Glenn v. City of Arlington

365 S.W.2d 197 | Tex. App. | 1963

MASSEY, Chief Justice.

The question involved is whether, in view of Art. 6674d, “Federal aid”, and Art. 6674q-4, “Improvements under control of State Highway Department” (to be found under Vernon’s Ann.Tex.St. Title 116, “Roads, Bridges, and Ferries”, ch. 1, “State Highways”), the City of Arlington, Texas, had authority and jurisdiction to levy upon abutting property owners assessments for improvements it desired to have constructed incident to the improvement and general reconstruction of U. S. Highway #80. The improvement and general reconstruction was undertaken by the Texas State Highway Department with aid of funds supplied by the Federal Government under U.S.C.A., Title 23, “Highways”.

The particular improvement for installation or construction of which the city levied assessment against the property owners was for the curb and gutter alongside the paved and improved portion of U. S. Highway #80 immediately in front of their several properties, although on highway premises. There was no federal aid involved in this particular improvement. It could only be by way of coupling the cost thereof with the expenses of the State in the widening and reconstruction of U. S. Highway #80 that federal aid could be said to have paid a part of the cost. By suit the several property owners sought to have the assessment declared void. For this improvement the City of Arlington paid, or agreed to pay, although under an arrangement between the City and the State the contract under which the improvement was installed was one between the State and the contractor.

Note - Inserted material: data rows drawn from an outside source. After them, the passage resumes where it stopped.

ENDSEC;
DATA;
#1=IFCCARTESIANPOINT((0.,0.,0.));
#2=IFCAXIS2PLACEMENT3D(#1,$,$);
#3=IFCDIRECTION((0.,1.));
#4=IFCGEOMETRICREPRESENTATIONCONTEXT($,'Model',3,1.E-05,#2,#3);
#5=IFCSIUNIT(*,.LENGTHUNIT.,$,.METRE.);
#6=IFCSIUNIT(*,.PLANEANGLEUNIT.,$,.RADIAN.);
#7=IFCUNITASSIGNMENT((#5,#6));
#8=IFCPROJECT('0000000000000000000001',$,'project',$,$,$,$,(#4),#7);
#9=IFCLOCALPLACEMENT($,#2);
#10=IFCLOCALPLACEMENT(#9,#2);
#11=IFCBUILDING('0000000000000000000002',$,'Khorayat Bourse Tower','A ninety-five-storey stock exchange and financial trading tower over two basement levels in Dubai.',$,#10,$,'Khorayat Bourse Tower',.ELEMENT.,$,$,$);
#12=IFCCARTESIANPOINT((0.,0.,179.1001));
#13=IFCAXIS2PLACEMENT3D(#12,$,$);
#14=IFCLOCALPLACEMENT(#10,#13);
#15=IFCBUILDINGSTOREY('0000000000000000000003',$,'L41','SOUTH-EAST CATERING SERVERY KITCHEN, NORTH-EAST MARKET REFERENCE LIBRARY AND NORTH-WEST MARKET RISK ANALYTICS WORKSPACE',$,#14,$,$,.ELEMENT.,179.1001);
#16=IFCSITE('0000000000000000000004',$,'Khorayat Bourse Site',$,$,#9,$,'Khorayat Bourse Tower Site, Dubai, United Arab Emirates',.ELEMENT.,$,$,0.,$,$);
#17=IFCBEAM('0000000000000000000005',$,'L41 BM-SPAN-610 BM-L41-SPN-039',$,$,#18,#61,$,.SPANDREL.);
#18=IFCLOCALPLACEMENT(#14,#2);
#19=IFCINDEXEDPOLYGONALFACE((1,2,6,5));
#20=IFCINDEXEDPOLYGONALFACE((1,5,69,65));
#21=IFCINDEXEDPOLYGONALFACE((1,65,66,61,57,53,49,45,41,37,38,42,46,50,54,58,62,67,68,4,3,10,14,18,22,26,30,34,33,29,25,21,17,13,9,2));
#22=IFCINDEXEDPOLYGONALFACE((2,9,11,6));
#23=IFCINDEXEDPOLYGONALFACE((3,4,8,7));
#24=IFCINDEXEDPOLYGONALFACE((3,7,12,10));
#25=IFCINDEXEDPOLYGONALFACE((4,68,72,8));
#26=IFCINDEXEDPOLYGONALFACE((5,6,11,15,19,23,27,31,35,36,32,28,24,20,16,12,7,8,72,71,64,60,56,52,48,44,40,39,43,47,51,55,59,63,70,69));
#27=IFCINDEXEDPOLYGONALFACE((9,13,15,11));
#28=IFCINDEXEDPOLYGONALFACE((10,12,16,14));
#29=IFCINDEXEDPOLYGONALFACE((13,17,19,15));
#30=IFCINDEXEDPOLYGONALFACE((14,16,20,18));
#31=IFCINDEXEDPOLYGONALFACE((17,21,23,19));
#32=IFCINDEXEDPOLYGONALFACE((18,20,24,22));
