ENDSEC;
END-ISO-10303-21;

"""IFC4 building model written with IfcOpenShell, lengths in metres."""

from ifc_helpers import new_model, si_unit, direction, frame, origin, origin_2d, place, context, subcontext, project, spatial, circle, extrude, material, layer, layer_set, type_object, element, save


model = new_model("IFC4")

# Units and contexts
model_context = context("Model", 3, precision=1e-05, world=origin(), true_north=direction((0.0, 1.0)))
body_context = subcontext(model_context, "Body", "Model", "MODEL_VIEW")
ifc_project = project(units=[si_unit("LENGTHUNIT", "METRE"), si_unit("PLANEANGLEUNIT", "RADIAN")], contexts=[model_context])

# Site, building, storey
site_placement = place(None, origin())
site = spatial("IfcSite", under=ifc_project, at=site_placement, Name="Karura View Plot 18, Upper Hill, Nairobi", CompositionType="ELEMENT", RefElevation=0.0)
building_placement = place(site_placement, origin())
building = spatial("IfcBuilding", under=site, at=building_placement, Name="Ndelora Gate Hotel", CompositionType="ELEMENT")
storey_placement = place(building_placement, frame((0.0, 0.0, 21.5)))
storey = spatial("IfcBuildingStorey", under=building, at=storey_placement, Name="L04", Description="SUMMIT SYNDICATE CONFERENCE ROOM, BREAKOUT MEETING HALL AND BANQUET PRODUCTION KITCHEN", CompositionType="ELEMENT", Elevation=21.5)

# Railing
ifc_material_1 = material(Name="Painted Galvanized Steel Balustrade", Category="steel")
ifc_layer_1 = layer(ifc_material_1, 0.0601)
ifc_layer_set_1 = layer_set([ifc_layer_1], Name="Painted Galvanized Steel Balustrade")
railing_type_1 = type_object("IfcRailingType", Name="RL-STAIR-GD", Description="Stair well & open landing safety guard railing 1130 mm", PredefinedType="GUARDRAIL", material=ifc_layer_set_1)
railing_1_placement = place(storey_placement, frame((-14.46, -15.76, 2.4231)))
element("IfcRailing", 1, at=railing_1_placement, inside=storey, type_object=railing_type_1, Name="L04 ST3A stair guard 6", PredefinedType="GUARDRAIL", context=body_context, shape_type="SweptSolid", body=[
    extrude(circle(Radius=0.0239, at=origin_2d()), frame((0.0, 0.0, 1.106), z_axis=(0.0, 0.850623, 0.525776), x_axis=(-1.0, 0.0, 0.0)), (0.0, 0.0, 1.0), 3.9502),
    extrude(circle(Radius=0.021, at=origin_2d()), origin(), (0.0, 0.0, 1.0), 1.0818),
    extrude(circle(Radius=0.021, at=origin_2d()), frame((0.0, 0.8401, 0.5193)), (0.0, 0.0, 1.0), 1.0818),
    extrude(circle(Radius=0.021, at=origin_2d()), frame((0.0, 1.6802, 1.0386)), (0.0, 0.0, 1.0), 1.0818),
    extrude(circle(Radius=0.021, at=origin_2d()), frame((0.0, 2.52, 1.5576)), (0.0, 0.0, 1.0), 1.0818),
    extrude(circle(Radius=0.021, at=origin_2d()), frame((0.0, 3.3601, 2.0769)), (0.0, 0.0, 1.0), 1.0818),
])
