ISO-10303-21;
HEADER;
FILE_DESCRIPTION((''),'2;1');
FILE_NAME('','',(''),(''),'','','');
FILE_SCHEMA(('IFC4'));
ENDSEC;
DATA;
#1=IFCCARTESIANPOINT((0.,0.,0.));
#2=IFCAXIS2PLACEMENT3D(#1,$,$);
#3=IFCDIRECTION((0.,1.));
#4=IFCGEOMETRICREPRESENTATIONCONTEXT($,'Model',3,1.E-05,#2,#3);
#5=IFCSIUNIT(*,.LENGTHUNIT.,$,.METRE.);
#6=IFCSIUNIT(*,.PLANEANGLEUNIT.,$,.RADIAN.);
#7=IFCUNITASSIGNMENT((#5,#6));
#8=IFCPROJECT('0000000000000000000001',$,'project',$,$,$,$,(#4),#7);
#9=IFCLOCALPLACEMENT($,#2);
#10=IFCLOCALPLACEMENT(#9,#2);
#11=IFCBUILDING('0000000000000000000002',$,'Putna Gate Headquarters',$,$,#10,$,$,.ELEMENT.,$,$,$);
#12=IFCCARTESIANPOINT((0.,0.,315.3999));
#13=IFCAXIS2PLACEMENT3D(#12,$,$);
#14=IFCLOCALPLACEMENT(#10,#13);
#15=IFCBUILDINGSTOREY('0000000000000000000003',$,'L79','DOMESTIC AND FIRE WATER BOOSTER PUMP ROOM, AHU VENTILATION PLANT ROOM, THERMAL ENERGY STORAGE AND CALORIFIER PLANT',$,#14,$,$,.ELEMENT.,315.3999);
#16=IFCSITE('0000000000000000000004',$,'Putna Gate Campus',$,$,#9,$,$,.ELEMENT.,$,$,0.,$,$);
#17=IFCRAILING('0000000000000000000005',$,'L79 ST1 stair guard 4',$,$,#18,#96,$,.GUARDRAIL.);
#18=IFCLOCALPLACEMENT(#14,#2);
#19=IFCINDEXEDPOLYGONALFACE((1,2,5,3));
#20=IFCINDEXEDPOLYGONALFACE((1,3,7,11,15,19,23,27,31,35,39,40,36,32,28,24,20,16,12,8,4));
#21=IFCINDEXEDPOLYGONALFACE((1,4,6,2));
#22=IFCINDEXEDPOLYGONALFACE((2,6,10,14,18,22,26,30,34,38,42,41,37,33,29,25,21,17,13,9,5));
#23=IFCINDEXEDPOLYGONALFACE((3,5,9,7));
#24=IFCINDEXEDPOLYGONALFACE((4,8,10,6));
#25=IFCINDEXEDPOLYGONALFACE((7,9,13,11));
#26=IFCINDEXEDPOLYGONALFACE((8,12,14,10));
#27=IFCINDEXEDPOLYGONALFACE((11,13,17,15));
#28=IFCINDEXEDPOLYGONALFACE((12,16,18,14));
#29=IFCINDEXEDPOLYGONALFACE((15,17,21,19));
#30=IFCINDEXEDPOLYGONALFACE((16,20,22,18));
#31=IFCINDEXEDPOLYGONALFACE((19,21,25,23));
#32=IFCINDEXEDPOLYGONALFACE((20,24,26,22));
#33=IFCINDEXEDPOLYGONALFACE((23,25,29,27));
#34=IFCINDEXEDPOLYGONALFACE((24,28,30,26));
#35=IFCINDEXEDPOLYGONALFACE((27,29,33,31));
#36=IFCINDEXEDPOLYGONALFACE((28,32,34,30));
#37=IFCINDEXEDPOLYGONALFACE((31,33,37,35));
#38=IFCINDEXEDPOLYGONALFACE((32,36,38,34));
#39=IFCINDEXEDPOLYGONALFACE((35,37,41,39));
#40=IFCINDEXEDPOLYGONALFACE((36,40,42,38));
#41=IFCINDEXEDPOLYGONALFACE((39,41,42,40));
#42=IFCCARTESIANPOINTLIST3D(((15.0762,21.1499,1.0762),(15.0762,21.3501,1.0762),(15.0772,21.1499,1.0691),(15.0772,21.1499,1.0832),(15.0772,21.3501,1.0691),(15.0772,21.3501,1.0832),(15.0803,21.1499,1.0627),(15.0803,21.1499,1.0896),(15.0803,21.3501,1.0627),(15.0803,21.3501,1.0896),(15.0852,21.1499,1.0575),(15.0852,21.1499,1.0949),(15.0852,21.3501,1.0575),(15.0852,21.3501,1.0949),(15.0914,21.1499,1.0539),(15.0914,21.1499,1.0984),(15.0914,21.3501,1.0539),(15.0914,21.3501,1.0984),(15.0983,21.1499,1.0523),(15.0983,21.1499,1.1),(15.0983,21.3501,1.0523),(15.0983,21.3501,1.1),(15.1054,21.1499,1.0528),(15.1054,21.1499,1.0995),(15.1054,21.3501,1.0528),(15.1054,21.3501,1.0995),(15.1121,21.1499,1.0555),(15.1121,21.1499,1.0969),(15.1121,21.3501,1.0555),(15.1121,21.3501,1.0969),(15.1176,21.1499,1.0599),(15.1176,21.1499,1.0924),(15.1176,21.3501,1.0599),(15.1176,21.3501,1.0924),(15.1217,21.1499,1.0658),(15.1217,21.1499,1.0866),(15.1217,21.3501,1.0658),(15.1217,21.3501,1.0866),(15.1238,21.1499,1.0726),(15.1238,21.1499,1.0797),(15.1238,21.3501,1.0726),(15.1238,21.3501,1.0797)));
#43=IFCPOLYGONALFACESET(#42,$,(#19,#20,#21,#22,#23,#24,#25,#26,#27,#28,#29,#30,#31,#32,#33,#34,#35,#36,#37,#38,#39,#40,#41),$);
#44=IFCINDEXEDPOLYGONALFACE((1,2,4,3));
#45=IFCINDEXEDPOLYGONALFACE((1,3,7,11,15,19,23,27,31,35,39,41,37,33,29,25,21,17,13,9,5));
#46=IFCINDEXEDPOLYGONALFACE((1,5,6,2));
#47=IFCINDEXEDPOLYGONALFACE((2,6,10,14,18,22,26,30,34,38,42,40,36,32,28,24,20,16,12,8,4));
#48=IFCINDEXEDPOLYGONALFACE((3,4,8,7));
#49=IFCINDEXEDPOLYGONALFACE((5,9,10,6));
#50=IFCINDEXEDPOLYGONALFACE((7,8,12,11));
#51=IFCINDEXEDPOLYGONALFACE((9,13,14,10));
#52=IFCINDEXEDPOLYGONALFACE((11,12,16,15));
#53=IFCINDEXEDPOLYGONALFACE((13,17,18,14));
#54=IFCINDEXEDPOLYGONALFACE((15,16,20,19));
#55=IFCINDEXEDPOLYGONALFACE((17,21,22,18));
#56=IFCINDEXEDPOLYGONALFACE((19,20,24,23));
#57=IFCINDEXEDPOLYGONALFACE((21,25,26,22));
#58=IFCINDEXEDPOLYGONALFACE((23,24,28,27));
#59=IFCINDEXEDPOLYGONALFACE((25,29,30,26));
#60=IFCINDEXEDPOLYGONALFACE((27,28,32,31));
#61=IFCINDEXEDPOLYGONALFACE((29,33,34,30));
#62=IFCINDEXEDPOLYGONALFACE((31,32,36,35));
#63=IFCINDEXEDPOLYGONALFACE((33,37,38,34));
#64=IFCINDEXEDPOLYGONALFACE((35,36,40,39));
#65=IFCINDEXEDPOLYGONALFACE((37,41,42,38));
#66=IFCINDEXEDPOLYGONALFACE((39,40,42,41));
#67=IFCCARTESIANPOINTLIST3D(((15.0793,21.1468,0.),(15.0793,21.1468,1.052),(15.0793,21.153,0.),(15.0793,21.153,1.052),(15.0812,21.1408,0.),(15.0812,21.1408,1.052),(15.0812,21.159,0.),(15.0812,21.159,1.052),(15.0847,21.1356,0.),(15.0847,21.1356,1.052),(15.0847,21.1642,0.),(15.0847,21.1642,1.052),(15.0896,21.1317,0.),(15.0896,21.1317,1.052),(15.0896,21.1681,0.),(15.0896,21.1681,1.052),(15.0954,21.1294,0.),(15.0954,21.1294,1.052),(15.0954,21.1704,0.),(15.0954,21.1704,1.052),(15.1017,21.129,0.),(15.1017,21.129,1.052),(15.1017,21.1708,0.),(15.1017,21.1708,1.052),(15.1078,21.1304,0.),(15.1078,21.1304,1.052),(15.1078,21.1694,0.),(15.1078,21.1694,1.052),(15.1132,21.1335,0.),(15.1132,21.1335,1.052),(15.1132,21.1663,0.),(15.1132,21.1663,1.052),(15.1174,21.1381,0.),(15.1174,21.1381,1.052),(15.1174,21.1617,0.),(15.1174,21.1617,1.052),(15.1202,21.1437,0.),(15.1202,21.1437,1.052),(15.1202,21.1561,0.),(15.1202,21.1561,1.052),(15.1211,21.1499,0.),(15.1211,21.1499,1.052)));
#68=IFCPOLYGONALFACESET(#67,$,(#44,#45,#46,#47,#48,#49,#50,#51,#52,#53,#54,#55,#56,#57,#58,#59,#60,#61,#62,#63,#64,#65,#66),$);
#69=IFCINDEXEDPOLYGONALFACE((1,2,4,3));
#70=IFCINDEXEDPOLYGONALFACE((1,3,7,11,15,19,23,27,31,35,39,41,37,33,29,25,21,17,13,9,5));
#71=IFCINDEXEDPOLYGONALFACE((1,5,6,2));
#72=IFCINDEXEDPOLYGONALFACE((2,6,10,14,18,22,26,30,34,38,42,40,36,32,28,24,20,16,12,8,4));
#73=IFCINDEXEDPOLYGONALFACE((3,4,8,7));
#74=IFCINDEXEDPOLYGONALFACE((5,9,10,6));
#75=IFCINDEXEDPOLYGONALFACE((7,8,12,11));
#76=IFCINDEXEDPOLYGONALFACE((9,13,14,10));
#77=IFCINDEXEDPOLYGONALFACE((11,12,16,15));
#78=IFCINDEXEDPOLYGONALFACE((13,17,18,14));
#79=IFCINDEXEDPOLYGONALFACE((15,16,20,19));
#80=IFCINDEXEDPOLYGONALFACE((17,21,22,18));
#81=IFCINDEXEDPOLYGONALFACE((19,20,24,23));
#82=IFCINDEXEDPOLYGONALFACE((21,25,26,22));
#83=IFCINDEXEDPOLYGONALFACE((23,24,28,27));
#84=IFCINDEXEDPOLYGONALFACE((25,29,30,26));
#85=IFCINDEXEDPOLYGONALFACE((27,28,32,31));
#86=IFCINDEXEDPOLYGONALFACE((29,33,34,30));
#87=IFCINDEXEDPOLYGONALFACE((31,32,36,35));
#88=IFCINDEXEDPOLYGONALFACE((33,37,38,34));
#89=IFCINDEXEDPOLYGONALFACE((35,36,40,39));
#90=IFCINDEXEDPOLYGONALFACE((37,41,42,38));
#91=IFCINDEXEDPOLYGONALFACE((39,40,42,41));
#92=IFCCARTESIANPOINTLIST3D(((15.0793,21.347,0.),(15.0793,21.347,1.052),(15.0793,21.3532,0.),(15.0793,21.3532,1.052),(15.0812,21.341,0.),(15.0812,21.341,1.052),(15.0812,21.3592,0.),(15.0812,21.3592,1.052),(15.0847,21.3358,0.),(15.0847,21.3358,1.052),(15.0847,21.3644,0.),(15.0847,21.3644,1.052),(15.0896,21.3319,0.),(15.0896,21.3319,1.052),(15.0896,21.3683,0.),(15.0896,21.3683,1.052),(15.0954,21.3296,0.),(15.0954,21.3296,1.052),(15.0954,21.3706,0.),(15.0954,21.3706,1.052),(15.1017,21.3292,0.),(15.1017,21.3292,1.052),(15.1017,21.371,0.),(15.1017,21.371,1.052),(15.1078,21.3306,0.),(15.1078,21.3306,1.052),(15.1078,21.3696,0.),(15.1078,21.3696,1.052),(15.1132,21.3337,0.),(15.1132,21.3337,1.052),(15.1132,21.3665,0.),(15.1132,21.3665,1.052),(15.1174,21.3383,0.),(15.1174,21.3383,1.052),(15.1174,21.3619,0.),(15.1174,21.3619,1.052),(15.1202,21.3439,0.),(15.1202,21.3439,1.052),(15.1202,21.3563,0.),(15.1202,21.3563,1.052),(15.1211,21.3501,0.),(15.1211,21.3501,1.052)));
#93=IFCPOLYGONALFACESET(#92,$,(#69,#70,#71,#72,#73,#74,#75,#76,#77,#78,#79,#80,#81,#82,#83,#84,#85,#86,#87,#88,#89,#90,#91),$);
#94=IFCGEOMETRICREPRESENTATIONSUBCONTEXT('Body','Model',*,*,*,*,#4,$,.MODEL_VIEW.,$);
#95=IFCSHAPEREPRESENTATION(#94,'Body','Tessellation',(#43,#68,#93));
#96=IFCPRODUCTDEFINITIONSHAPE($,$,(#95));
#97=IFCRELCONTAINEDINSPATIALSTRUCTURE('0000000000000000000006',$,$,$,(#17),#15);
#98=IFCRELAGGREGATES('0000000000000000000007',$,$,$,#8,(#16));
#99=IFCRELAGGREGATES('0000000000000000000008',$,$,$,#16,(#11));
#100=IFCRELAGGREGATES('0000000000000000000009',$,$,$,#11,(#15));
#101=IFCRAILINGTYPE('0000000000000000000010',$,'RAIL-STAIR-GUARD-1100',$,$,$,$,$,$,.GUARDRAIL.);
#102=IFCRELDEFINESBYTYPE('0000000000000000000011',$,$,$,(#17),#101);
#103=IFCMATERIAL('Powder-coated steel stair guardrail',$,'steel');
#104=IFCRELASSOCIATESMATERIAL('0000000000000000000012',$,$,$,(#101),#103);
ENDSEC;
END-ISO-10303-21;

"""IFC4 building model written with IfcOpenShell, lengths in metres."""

from ifc_helpers import new_model, si_unit, direction, frame, origin, origin_2d, place, context, subcontext, project, spatial, circle, extrude, material, type_object, element, save


model = new_model("IFC4")

# Units and contexts
model_context = context("Model", 3, precision=1e-05, world=origin(), true_north=direction((0.0, 1.0)))
body_context = subcontext(model_context, "Body", "Model", "MODEL_VIEW")
ifc_project = project(units=[si_unit("LENGTHUNIT", "METRE"), si_unit("PLANEANGLEUNIT", "RADIAN")], contexts=[model_context])

# Site, building, storey
site_placement = place(None, origin())
site = spatial("IfcSite", under=ifc_project, at=site_placement, Name="Putna Gate Campus", CompositionType="ELEMENT", RefElevation=0.0)
building_placement = place(site_placement, origin())
building = spatial("IfcBuilding", under=site, at=building_placement, Name="Putna Gate Headquarters", CompositionType="ELEMENT")
storey_placement = place(building_placement, frame((0.0, 0.0, 315.3999)))
storey = spatial("IfcBuildingStorey", under=building, at=storey_placement, Name="L79", Description="DOMESTIC AND FIRE WATER BOOSTER PUMP ROOM, AHU VENTILATION PLANT ROOM, THERMAL ENERGY STORAGE AND CALORIFIER PLANT", CompositionType="ELEMENT", Elevation=315.3999)

# Railing
ifc_material_1 = material(Name="Powder-coated steel stair guardrail", Category="steel")
railing_type_1 = type_object("IfcRailingType", Name="RAIL-STAIR-GUARD-1100", PredefinedType="GUARDRAIL", material=ifc_material_1)
railing_1_placement = place(storey_placement, frame((15.1001, 21.1499, 0.0)))
element("IfcRailing", 1, at=railing_1_placement, inside=storey, type_object=railing_type_1, Name="L79 ST1 stair guard 4", PredefinedType="GUARDRAIL", context=body_context, shape_type="SweptSolid", body=[
    extrude(circle(Radius=0.0239, at=origin_2d()), frame((0.0, 0.0, 1.0762), z_axis=(0.0, 1.0, 0.0), x_axis=(-1.0, 0.0, 0.0)), (0.0, 0.0, 1.0), 0.2002),
    extrude(circle(Radius=0.021, at=origin_2d()), origin(), (0.0, 0.0, 1.0), 1.052),
    extrude(circle(Radius=0.021, at=origin_2d()), frame((0.0, 0.2002, 0.0)), (0.0, 0.0, 1.0), 1.052),
])

save(model, "model.ifc")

In view of V.A.T.S. Title 28, “Cities, Towns and Villages”, ch. 13, “Home Rule”, Art. 1175, “Enumerated powers”, sec. 16, it is not to be doubted that the City of Arlington, a Home Rule City, formerly possessed the right to construct or provide out of municipal funds for the construction-of such an improvement. If in its legislative discretion, unabused, the same constituted a local improvement which enhanced the value of the adjacent property it is admitted that it could formerly levy an assessment thereon for the payment of its cost under and according to provisions of V.A.T.S., Art. 1105b, “Street improvements and assessments. * * * ” It is not manifest in the instant case that the installation of the curb and gutter was not an improvement of local pertinence and benefit rather than one benefiting the public generally.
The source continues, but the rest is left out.